Eminent Domain Abuse Again! Willetts Point Threatened
Richard Musick has been writing eloquent op-eds lately, most recently a piece that appeared in The New York Sun on Friday, August 19, called Too Valuable? about the threat of the city's use of eminent domain hanging over Willets Point in Queens. This is a busy area full of automobile-related businesses, but an area that the city has neglected for decades. It does not have a sanitary sewer system, and there is no snow removal. Now the city has found something slick and, you'll pardon me, suburban to do with the area. As Musick says, "Now the city is using its own neglect of Willets Point as an excuse to redevelop the area." It will surprise no one that the
city has not consulted the people who own the businesses there, and who have "managed to pay taxes, employ thousands of people, pay off mortgages, and send their children to school." The city is engaging in damnation-by-neglect and is now primed and ready to abuse eminent domain by taking the property in Willets Point away from the owners and giving it to influential developers. Our present group of elected officials seem to be unaware that New York is a city of small businesses. They want to hand any area full of vibrant small local businesses over to any big developer representing any multinational corporation.

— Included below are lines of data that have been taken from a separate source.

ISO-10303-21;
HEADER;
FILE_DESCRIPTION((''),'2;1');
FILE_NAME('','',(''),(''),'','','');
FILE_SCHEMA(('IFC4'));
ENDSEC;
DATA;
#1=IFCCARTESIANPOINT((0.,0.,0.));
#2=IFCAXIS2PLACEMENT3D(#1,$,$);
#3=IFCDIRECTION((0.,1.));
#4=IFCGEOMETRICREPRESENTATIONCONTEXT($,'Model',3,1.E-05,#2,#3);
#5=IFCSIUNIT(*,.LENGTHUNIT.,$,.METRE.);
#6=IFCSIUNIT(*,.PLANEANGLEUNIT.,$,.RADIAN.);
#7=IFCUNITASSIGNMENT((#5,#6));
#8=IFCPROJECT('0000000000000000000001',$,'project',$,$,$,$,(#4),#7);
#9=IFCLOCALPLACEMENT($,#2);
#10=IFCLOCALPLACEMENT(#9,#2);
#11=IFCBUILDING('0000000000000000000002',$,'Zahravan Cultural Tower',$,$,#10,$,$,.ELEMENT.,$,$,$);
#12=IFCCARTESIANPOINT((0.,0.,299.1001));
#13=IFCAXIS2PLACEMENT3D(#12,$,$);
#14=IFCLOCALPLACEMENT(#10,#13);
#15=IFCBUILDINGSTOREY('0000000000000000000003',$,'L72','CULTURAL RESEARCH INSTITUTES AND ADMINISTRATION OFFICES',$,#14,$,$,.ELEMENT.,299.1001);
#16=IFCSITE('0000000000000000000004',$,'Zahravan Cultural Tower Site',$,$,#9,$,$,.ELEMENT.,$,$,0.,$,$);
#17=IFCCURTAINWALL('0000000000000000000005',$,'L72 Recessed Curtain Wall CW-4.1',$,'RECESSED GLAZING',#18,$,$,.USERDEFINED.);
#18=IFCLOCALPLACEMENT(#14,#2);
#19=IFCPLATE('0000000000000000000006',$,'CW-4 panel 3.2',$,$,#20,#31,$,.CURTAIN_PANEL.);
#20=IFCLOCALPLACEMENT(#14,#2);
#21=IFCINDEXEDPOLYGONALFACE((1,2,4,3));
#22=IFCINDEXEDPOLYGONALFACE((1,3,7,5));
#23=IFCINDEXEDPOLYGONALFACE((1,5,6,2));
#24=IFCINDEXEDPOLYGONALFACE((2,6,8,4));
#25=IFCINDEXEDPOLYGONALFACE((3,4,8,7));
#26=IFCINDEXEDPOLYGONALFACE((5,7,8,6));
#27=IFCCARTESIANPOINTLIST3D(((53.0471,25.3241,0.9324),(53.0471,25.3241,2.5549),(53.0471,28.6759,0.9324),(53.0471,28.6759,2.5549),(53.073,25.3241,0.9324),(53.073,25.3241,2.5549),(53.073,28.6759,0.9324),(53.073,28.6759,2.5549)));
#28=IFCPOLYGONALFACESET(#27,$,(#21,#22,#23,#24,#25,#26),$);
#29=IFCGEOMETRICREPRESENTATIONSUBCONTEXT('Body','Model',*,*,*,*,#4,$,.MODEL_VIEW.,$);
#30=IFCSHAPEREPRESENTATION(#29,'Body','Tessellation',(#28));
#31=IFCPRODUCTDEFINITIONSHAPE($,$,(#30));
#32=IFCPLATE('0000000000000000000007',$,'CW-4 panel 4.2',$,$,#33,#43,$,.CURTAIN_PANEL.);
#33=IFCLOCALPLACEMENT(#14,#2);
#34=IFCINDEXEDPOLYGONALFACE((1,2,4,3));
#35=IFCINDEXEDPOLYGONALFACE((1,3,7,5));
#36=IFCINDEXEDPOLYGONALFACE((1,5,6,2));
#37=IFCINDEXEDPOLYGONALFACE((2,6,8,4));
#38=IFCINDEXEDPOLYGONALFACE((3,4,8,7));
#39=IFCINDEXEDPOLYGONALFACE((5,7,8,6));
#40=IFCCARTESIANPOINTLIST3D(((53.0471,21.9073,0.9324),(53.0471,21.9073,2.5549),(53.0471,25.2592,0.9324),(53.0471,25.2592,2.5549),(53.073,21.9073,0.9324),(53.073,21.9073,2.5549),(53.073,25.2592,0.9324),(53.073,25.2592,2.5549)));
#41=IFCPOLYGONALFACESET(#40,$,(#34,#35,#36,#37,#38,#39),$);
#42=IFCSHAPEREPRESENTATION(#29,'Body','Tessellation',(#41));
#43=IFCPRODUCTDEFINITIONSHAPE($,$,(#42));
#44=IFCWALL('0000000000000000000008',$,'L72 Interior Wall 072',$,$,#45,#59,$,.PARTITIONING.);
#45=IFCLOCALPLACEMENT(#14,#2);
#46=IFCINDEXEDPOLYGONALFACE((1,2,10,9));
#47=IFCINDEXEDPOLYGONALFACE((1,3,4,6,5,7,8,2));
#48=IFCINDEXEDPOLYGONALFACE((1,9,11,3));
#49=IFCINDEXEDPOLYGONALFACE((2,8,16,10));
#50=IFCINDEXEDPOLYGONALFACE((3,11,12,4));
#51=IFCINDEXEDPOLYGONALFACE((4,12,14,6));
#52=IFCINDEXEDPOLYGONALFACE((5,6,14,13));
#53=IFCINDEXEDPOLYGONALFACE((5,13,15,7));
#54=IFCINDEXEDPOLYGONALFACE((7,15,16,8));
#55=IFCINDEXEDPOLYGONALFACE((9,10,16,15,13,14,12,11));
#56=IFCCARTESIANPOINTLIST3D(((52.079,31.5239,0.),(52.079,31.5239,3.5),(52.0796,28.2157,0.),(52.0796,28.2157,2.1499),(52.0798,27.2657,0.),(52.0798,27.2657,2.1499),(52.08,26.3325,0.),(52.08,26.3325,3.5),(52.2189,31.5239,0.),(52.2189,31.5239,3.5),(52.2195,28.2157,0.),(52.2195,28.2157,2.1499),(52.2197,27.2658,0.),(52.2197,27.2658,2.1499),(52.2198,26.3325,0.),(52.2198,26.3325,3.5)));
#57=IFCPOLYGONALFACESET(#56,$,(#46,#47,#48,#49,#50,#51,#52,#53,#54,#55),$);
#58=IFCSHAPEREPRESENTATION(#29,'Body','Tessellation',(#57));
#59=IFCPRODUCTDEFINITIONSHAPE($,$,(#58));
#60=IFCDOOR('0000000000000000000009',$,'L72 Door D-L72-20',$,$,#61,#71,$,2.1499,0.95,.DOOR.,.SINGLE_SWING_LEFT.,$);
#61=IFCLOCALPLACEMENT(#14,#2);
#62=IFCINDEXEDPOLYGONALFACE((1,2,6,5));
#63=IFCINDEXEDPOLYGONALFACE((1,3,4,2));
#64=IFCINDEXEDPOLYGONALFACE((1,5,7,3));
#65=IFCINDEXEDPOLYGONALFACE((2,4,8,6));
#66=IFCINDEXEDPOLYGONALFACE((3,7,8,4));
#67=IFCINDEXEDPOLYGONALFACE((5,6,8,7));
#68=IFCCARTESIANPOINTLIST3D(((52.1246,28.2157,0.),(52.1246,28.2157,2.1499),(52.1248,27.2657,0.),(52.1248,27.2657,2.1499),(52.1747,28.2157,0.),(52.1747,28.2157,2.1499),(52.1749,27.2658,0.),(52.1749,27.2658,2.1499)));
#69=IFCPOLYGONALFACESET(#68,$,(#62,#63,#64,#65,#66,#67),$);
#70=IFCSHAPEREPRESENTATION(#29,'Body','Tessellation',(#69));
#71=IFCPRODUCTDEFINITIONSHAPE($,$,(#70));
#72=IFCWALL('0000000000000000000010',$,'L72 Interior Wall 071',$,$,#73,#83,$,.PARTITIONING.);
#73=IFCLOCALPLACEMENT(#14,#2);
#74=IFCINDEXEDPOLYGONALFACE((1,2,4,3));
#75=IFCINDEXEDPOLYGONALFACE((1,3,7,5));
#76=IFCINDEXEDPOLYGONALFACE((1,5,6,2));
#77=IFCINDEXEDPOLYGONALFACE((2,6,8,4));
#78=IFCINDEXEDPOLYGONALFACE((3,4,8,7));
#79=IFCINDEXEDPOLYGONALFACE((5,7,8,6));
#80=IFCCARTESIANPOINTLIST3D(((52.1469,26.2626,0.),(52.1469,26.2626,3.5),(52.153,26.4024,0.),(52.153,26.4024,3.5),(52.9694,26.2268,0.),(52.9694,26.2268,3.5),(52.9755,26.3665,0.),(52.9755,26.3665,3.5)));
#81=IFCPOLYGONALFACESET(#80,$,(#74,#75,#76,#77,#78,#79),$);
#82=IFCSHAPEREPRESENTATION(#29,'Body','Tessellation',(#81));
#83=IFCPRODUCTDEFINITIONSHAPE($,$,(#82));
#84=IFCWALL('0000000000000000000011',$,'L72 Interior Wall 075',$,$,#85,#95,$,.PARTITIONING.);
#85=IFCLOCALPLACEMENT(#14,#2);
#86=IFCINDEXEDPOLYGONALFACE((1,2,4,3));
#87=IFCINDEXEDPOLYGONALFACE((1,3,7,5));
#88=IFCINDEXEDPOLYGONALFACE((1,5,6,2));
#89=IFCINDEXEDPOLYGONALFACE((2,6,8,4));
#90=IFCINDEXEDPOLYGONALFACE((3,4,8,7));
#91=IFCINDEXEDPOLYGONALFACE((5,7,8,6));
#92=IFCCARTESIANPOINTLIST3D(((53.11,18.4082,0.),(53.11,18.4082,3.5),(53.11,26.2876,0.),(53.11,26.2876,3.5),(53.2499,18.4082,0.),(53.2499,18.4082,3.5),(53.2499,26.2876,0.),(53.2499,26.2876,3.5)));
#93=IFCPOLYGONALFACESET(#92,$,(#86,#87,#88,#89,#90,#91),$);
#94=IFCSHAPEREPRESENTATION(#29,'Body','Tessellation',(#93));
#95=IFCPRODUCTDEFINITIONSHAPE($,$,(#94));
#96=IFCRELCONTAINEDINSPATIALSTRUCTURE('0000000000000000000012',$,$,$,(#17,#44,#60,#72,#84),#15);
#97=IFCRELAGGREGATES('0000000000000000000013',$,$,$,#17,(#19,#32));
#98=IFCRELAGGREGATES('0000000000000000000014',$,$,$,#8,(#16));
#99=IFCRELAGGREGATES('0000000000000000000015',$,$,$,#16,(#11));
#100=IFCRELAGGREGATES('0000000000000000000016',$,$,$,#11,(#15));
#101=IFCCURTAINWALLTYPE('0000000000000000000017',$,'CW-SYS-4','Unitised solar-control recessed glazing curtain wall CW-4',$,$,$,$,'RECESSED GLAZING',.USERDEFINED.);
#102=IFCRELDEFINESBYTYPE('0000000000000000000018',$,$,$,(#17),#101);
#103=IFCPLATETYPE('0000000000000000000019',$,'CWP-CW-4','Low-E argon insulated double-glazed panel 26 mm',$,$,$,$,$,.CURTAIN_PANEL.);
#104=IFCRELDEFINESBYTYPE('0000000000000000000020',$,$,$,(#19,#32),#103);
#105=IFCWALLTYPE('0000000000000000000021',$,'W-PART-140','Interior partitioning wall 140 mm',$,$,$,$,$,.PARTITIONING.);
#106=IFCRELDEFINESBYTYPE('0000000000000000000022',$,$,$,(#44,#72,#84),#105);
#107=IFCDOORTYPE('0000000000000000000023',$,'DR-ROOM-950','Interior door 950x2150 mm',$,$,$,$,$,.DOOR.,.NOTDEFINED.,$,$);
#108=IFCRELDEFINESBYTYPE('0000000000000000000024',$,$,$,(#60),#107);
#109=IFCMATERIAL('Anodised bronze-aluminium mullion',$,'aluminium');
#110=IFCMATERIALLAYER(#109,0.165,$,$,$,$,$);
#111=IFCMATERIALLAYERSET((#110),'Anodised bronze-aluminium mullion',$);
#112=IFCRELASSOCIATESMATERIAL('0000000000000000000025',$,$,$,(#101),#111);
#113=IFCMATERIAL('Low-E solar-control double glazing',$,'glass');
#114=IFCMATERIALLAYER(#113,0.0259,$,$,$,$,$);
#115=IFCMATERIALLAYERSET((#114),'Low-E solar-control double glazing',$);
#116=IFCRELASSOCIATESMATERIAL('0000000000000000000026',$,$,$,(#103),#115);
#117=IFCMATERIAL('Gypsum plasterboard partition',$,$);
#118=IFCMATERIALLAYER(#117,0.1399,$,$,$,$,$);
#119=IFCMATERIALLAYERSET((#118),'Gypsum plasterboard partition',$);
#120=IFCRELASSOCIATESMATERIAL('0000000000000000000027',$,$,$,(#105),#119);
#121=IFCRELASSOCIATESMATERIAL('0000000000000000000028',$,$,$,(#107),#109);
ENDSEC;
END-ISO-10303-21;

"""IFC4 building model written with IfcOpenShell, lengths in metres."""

from ifc_helpers import new_model, si_unit, direction, frame, frame_2d, origin, origin_2d, place, context, subcontext, project, spatial, rectangle, extrude, source, transform, mapped, material, layer, layer_set, type_object, element, fill, aggregate, save


model = new_model("IFC4")

# Units and contexts
model_context = context("Model", 3, precision=1e-05, world=origin(), true_north=direction((0.0, 1.0)))
body_context = subcontext(model_context, "Body", "Model", "MODEL_VIEW")
ifc_project = project(units=[si_unit("LENGTHUNIT", "METRE"), si_unit("PLANEANGLEUNIT", "RADIAN")], contexts=[model_context])

# Site, building, storey
site_placement = place(None, origin())
site = spatial("IfcSite", under=ifc_project, at=site_placement, Name="Zahravan Cultural Tower Site", CompositionType="ELEMENT", RefElevation=0.0)
building_placement = place(site_placement, origin())
building = spatial("IfcBuilding", under=site, at=building_placement, Name="Zahravan Cultural Tower", CompositionType="ELEMENT")
storey_placement = place(building_placement, frame((0.0, 0.0, 299.1001)))
storey = spatial("IfcBuildingStorey", under=building, at=storey_placement, Name="L72", Description="CULTURAL RESEARCH INSTITUTES AND ADMINISTRATION OFFICES", CompositionType="ELEMENT", Elevation=299.1001)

This is nothing new. Destruction in lower manhattan preceded the building of the World Trade Center. Here was the same indifference to vital local small businesses, in favor of giant corporations. Look at Danny Lyon's photographs of the active nineteenth-century commercial buildings that came before the Twin Towers. And Lyons doesn't even show you the Radio District or the residential areas or the Washington Market.
The abuse of eminent domain threatening Willets Point is exactly the sort that the plaintiffs complained of in Kelo v. New London. The government's justification is not a public use like a highway or a courthouse. Nor is it the removal of blight. The sole justification for taking people's homes and businesses is economic development. Whatever the city's neglect of Willets Point, the area is indisputably productive as it is. The Supreme Court must somehow have believed that developers and politicians are telling the truth when they talk about economic development as a justification for taking private property away from one set of private owners and handing it over to another set of private owners. As Jane Jacobs pointed out in her brief amica curiae, however, developers are under no obligation to deliver what they promise. People's homes and businesses are destroyed for economic development. But no one ever has to produce any development.
Big Cities Big Boxes wishes the best of success to Richard Musick and the Willets Point Business Association.